The October 10 truce—hailed by President Donald Trump as his “20-point masterstroke” for hostage releases, aid surges, and phased de-escalation—has unraveled into a farce of finger-pointing. Gaza’s Government Media Office tallies 738 Israeli violations since inception, from near-daily drone incursions and artillery barrages to the detonation of homes in Al-Shujaiya and Al-Bureij, killing over 400 Palestinians and crippling aid flows to a population teetering on famine’s edge. Israel counters with 53 Hamas infractions, including sniper fire and RPG assaults, while U.S. officials whisper of “credible reports” of Hamas plotting civilian hits—though details remain classified. Aid groups like Doctors Without Borders report Nasser Hospital overwhelmed, its generators flickering as fuel trickles in amid blockades, while UN envoy Tor Wennesland warned in a December 9 Security Council briefing: “This ceasefire is on life support; without enforcement, it’s a license for atrocity.”

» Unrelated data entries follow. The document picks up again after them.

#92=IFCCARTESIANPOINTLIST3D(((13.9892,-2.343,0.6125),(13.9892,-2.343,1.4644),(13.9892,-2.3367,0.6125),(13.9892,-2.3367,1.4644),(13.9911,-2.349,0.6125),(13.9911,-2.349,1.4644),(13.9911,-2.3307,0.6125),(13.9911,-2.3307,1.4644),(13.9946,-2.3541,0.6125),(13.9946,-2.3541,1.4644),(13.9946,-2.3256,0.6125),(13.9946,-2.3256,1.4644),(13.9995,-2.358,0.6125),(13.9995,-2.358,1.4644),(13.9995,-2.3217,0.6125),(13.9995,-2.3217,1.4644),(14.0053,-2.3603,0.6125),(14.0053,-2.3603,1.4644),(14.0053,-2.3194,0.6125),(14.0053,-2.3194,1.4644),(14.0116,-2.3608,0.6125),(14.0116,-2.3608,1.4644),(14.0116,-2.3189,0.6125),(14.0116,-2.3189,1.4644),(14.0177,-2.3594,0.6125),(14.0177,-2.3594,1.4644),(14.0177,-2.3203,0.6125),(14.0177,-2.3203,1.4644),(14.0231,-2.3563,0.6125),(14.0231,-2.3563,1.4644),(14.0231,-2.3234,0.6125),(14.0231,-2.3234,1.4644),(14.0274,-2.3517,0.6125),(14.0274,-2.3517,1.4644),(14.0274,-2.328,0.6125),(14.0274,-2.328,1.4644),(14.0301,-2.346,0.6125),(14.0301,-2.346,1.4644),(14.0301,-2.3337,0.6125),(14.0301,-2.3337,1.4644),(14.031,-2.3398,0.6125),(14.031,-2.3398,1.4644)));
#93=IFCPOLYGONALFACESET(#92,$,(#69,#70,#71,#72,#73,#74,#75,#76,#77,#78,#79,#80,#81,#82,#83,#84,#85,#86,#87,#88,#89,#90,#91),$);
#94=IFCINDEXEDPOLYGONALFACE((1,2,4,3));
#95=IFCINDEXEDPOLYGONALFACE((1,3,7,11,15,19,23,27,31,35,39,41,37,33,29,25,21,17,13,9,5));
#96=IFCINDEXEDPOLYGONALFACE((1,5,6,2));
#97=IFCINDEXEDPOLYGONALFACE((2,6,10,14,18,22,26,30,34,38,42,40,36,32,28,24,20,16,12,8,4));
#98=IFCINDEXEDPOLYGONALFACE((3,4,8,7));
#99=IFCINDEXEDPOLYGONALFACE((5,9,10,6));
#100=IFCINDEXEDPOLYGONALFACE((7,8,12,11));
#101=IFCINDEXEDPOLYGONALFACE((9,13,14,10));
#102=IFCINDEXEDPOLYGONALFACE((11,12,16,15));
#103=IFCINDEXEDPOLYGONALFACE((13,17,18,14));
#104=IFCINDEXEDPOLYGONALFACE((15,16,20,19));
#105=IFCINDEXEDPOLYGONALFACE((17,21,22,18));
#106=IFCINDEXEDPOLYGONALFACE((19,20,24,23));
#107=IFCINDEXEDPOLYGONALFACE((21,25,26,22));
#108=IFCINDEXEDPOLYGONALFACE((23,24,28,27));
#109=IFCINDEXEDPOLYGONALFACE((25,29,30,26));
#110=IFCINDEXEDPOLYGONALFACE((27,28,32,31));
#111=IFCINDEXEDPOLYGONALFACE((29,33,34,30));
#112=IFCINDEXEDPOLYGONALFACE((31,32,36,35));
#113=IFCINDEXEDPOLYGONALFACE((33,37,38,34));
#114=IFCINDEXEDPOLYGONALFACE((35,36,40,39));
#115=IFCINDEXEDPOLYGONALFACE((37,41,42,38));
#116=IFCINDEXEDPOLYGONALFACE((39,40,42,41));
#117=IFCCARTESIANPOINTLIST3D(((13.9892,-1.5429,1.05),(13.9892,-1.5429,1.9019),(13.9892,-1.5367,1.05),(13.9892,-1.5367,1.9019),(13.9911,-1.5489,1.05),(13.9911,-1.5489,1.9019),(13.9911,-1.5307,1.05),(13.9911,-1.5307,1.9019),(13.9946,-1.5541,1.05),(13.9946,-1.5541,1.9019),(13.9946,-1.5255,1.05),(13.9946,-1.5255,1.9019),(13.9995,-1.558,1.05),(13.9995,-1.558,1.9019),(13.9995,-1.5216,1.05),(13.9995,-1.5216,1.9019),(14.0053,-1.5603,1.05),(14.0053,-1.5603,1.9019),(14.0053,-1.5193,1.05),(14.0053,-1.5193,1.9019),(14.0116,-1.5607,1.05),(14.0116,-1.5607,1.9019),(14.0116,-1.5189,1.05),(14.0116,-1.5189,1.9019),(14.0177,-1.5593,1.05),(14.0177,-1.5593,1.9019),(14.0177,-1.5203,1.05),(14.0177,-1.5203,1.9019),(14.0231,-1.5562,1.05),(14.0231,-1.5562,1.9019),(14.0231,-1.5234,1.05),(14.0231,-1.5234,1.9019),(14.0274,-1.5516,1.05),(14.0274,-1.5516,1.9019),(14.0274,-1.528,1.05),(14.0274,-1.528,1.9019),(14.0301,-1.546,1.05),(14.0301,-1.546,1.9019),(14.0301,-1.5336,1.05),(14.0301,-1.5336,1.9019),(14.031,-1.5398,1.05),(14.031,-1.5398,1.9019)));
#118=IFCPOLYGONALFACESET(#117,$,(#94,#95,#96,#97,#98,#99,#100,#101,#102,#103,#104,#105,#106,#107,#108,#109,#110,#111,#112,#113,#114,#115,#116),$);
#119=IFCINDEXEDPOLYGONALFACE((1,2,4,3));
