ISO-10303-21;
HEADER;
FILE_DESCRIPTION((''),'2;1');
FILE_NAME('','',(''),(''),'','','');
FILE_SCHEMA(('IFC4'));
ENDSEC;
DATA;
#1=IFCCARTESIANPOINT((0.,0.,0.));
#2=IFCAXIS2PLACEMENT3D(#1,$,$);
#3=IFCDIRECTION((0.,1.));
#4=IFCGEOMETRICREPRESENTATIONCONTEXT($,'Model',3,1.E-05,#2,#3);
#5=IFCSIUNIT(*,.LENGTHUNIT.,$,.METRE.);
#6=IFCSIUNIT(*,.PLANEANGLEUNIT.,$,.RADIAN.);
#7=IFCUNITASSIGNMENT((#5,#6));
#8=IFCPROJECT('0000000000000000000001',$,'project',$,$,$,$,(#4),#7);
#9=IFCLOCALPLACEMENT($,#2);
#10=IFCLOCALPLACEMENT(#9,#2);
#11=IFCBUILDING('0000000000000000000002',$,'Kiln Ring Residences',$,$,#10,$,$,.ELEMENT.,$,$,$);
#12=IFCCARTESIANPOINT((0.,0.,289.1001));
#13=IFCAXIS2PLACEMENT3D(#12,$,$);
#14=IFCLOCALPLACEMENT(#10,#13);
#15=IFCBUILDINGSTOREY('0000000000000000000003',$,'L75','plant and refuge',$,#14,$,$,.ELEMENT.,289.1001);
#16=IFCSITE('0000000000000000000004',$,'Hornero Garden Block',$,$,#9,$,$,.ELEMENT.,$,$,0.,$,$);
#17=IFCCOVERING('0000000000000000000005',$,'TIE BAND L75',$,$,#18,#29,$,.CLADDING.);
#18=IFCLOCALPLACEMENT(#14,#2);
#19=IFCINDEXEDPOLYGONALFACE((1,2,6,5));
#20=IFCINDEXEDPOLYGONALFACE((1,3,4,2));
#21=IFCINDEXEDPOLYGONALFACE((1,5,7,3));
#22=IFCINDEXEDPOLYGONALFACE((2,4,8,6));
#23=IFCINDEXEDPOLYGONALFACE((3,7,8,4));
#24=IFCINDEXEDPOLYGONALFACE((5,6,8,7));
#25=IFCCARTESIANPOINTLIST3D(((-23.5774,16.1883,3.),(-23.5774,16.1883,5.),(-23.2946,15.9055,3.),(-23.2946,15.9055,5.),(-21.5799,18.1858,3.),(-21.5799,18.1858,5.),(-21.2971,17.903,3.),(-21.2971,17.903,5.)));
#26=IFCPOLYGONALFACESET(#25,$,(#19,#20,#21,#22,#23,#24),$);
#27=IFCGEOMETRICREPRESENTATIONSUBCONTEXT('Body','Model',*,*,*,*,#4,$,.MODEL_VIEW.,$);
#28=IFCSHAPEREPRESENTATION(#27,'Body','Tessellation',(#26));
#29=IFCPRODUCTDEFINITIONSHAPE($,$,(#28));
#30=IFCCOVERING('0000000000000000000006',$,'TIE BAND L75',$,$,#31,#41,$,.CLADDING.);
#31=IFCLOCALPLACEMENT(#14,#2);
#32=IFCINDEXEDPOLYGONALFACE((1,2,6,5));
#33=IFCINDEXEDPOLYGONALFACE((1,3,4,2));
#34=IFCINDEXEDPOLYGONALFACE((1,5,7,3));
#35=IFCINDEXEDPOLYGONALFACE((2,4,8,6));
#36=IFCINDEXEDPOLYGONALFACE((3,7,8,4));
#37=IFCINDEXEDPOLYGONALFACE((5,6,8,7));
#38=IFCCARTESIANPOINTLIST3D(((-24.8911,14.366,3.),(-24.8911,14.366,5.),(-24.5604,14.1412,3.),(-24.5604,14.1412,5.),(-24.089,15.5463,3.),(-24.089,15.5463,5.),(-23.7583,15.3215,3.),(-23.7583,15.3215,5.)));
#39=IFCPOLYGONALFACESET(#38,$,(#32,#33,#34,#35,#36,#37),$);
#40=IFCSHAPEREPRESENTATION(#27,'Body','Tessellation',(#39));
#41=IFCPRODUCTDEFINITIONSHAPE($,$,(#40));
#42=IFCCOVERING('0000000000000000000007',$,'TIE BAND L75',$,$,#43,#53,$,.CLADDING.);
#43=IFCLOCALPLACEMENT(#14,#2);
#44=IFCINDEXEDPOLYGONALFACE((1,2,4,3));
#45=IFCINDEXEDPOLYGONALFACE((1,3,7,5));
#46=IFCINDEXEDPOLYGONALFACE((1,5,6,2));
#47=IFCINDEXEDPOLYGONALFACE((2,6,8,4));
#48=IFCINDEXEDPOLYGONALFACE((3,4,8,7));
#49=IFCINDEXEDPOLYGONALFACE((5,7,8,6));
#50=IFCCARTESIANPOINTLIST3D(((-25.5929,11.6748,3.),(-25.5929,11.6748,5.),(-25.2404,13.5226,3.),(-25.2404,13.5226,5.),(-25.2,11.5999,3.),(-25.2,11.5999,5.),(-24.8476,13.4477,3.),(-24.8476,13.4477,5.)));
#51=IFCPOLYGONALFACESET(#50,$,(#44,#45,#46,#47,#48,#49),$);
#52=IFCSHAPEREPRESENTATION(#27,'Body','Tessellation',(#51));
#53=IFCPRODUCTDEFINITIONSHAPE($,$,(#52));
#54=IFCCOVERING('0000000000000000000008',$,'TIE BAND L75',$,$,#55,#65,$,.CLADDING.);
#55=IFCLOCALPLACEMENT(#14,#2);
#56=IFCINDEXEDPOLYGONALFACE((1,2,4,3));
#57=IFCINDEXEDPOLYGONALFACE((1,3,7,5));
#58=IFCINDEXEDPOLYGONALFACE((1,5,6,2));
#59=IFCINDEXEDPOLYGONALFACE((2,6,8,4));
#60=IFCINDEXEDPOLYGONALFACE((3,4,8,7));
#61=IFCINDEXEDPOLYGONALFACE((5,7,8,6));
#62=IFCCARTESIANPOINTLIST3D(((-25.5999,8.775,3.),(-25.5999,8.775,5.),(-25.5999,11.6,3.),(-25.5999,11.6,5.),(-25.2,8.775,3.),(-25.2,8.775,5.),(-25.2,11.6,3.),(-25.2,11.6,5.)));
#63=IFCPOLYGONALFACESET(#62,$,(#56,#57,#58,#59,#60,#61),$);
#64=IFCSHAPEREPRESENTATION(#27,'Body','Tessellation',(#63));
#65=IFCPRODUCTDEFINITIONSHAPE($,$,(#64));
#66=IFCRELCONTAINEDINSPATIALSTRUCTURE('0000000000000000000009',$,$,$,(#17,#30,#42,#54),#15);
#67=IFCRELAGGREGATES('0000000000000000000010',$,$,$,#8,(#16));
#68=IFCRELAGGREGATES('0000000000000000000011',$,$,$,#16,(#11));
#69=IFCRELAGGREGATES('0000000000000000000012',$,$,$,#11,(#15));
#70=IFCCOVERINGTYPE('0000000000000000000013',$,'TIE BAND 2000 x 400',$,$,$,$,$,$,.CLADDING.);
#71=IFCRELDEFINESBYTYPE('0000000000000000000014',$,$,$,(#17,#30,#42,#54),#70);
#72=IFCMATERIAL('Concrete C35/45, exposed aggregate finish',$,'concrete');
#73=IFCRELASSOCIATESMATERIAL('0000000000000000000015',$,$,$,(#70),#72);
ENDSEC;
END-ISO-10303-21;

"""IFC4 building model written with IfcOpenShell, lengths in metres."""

from ifc_helpers import new_model, si_unit, direction, frame, origin, origin_2d, place, context, subcontext, project, spatial, rectangle, extrude, material, type_object, element, save


model = new_model("IFC4")

# Units and contexts
model_context = context("Model", 3, precision=1e-05, world=origin(), true_north=direction((0.0, 1.0)))
body_context = subcontext(model_context, "Body", "Model", "MODEL_VIEW")
ifc_project = project(units=[si_unit("LENGTHUNIT", "METRE"), si_unit("PLANEANGLEUNIT", "RADIAN")], contexts=[model_context])

# Site, building, storey
site_placement = place(None, origin())
site = spatial("IfcSite", under=ifc_project, at=site_placement, Name="Hornero Garden Block", CompositionType="ELEMENT", RefElevation=0.0)
building_placement = place(site_placement, origin())
building = spatial("IfcBuilding", under=site, at=building_placement, Name="Kiln Ring Residences", CompositionType="ELEMENT")
storey_placement = place(building_placement, frame((0.0, 0.0, 289.1001)))
storey = spatial("IfcBuildingStorey", under=building, at=storey_placement, Name="L75", Description="plant and refuge", CompositionType="ELEMENT", Elevation=289.1001)

# Coverings
ifc_material_1 = material(Name="Concrete C35/45, exposed aggregate finish", Category="concrete")
covering_type = type_object("IfcCoveringType", Name="TIE BAND 2000 x 400", PredefinedType="CLADDING", material=ifc_material_1)
covering_1_placement = place(storey_placement, frame((-22.4373, 17.0457, 3.0), z_axis=(0.0, 0.0, 1.0), x_axis=(-0.707107, -0.707107, 0.0)))
element("IfcCovering", 1, at=covering_1_placement, inside=storey, type_object=covering_type, Name="TIE BAND L75", PredefinedType="CLADDING", context=body_context, shape_type="SweptSolid", body=[
    extrude(rectangle(XDim=2.825, YDim=0.3999, at=origin_2d()), origin(), (0.0, 0.0, 1.0), 2.0),
])
covering_2_placement = place(storey_placement, frame((-24.3247, 14.8438, 3.0), z_axis=(0.0, 0.0, 1.0), x_axis=(-0.562097, -0.827072, 0.0)))
element("IfcCovering", 2, at=covering_2_placement, inside=storey, type_object=covering_type, Name="TIE BAND L75", PredefinedType="CLADDING", context=body_context, shape_type="SweptSolid", body=[
    extrude(rectangle(XDim=1.427, YDim=0.3999, at=origin_2d()), origin(), (0.0, 0.0, 1.0), 2.0),
])
covering_3_placement = place(storey_placement, frame((-25.2202, 12.5613, 3.0), z_axis=(0.0, 0.0, 1.0), x_axis=(-0.187366, -0.98229, 0.0)))
element("IfcCovering", 3, at=covering_3_placement, inside=storey, type_object=covering_type, Name="TIE BAND L75", PredefinedType="CLADDING", context=body_context, shape_type="SweptSolid", body=[
    extrude(rectangle(XDim=1.8811, YDim=0.3999, at=origin_2d()), origin(), (0.0, 0.0, 1.0), 2.0),
])
covering_4_placement = place(storey_placement, frame((-25.3999, 10.1875, 3.0), z_axis=(0.0, 0.0, 1.0), x_axis=(0.0, -1.0, 0.0)))
element("IfcCovering", 4, at=covering_4_placement, inside=storey, type_object=covering_type, Name="TIE BAND L75", PredefinedType="CLADDING", context=body_context, shape_type="SweptSolid", body=[
    extrude(rectangle(XDim=2.825, YDim=0.3999, at=origin_2d()), origin(), (0.0, 0.0, 1.0), 2.0),
])

save(model, "model.ifc")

For Gaza’s weary survivors—two million crammed into a coastal sliver smaller than Washington, D.C., under winter storms and siege—these breaches aren’t statistics but fresh graves. As flares lit up Al-Bureij skies on December 9 in yet another “defensive” Israeli shelling, a displaced teacher in Khan Younis told Clarion News: “We buried our children under ‘peace.’ How many more before the world sees the lie?” With Phase Two talks stalled over hostage remains and border controls, mediators from Qatar and Egypt scramble, but the blood in Rafah and Khan Younis screams louder than diplomacy. Will this spark full resumption of war, or force a reckoning? Clarion News embeds with the frontlines—bearing witness, demanding truth.